Как-то она видела на английском канале документальный фильм об одиноких горожанах. Сорокалетняя женщина у себя на кухне говорила в камеру:
— С каких пор можно говорить о настоящем одиночестве? Когда уже с четверга со страхом ждешь приближения выходных. Когда пытаешься занять всю субботу походом в супермаркет. Когда прикосновение сотрудника способно взволновать тебя до конца вечера…
Жанна вздрогнула, убирая пиалу в посудомойку.
Два часа дня. Никто так и не позвонил. Ни Феро, ни Тэн. Она попробовала открыть книгу, но не смогла сосредоточиться. Благодаря снотворным вздремнула, оттягивая поездку в лечебницу. Проснулась в половине четвертого. Голова не работала. Жанна схватила ключи от машины, айфон. Заперла квартиру. Глубоко вдохнула.

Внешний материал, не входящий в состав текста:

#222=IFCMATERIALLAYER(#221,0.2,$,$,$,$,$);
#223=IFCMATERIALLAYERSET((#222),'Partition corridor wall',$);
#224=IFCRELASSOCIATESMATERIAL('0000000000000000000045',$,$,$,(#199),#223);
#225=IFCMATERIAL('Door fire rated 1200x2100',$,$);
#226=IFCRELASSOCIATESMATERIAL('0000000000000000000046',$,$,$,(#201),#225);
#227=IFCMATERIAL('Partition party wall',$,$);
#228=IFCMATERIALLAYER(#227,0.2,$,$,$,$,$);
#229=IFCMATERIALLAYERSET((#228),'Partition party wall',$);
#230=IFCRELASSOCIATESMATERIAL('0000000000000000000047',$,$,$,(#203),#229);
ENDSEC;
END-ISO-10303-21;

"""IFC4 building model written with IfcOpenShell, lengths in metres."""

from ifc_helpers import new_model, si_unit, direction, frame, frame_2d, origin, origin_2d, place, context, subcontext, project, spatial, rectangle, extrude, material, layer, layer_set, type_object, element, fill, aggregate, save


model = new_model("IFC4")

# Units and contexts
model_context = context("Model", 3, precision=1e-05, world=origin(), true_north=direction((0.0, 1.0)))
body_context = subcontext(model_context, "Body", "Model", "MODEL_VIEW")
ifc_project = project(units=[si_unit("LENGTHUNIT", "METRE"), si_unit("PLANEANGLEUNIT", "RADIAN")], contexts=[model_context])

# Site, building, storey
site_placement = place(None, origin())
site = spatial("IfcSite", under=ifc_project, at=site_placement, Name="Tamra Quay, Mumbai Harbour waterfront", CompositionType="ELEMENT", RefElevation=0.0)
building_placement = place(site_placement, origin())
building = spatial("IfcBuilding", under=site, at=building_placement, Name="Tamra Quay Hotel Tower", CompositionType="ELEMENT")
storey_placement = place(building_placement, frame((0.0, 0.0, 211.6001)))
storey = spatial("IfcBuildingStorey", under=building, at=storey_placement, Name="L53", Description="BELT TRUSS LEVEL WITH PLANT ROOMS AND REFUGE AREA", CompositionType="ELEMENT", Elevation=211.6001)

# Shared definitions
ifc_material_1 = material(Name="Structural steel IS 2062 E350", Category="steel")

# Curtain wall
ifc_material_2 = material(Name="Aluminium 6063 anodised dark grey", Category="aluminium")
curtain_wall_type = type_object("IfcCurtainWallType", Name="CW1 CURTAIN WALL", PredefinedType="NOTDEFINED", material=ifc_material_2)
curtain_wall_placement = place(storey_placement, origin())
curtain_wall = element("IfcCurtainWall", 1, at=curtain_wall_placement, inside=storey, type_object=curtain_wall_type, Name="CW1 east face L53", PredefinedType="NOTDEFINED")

Порт-д'Орлеан. Национальная автомагистраль № 20. Жантийи. Аркёй. Кашан. Названия городов менялись, но пейзаж оставался прежним. Пыльный пригород. Грязные дома. Облезлые платаны под горячим солнцем трудились в поте лица, маскируя окружающее убожество. От перекрестка Круа-де-Берни расходились шоссе. Мосты. Пандусы. Названия городов на указателях. А под ними — целое море раскаленных крыш, каменных домов. И все это словно поджаривалось на дне серой сковороды.
Еще через несколько километров она увидела проспект Дивизьон-Леклерк в Шатне-Малабри. В конце его находилась лечебница «Альфедия». Современное здание, тусклое и безликое, напоминало придорожную гостиницу в пригороде. Неоновая вывеска гласила «Дом покоя», хотя скорее это походило на человеческую свалку. Нечто среднее между дурдомом и хосписом.
В холле неизменные лежачие больные грелись на солнце, пробивавшемся сквозь грязные стекла. Неподвижные, с застывшим взглядом и морщинистыми, будто клубок веревки, лицами. Они уже не видели. Не думали. Жанне всегда казалось, что старческое слабоумие, болезнь Альцгеймера и все подобные расстройства — подарок небес, чтобы не замечать приближения смерти. В этом возрасте счастлив тот, кто разучился считать. Годы. Дни. Часы. Растительное состояние, при котором каждая секунда как жизнь.
Перепрыгивая через ступеньки, она поднялась по служебной лестнице. На третьем этаже, склонив голову, чтобы не смотреть на застывших перед телевизором доходяг, ринулась в комнату матери.
Мерзкие цвета. Дешевая мебель. Личные безделушки силились сделать комнату не такой безликой. Каждый раз, входя сюда, Жанна вспоминала фараонов, вместе с которыми хоронили привычные вещи и рабов. Эта комната и есть склеп, а она сама — рабыня.
— Привет, мама! Как ты?
Не ожидая ответа, она скинула пиджак. Приподняла мать, легкую как перышко. На лице у той ничего не отразилось. Жанна подложила ей под спину подушки. Старуха ее не видела. И в каком-то смысле Жанна тоже ее не видела. Она приходила сюда годами и замечала только, как смерть шаг за шагом отвоевывает территорию. Мать похудела еще на килограмм. Тело заметно одряхлело. Выступили кости…
Жанна присела и уставилась в окно. Перед ней теснились липы и ели. Казалось, здесь даже деревья заражены упадком и нищетой. Она наконец заметила, как воняет в комнате. Разило жратвой, мочой, лекарствами. Ей и в голову не пришло открыть окно. Да и к чему? Во дворе наверняка воняет еще хуже. Ей надо притерпеться. Как альпинисты, совершая восхождение, постепенно привыкают к разреженному воздуху.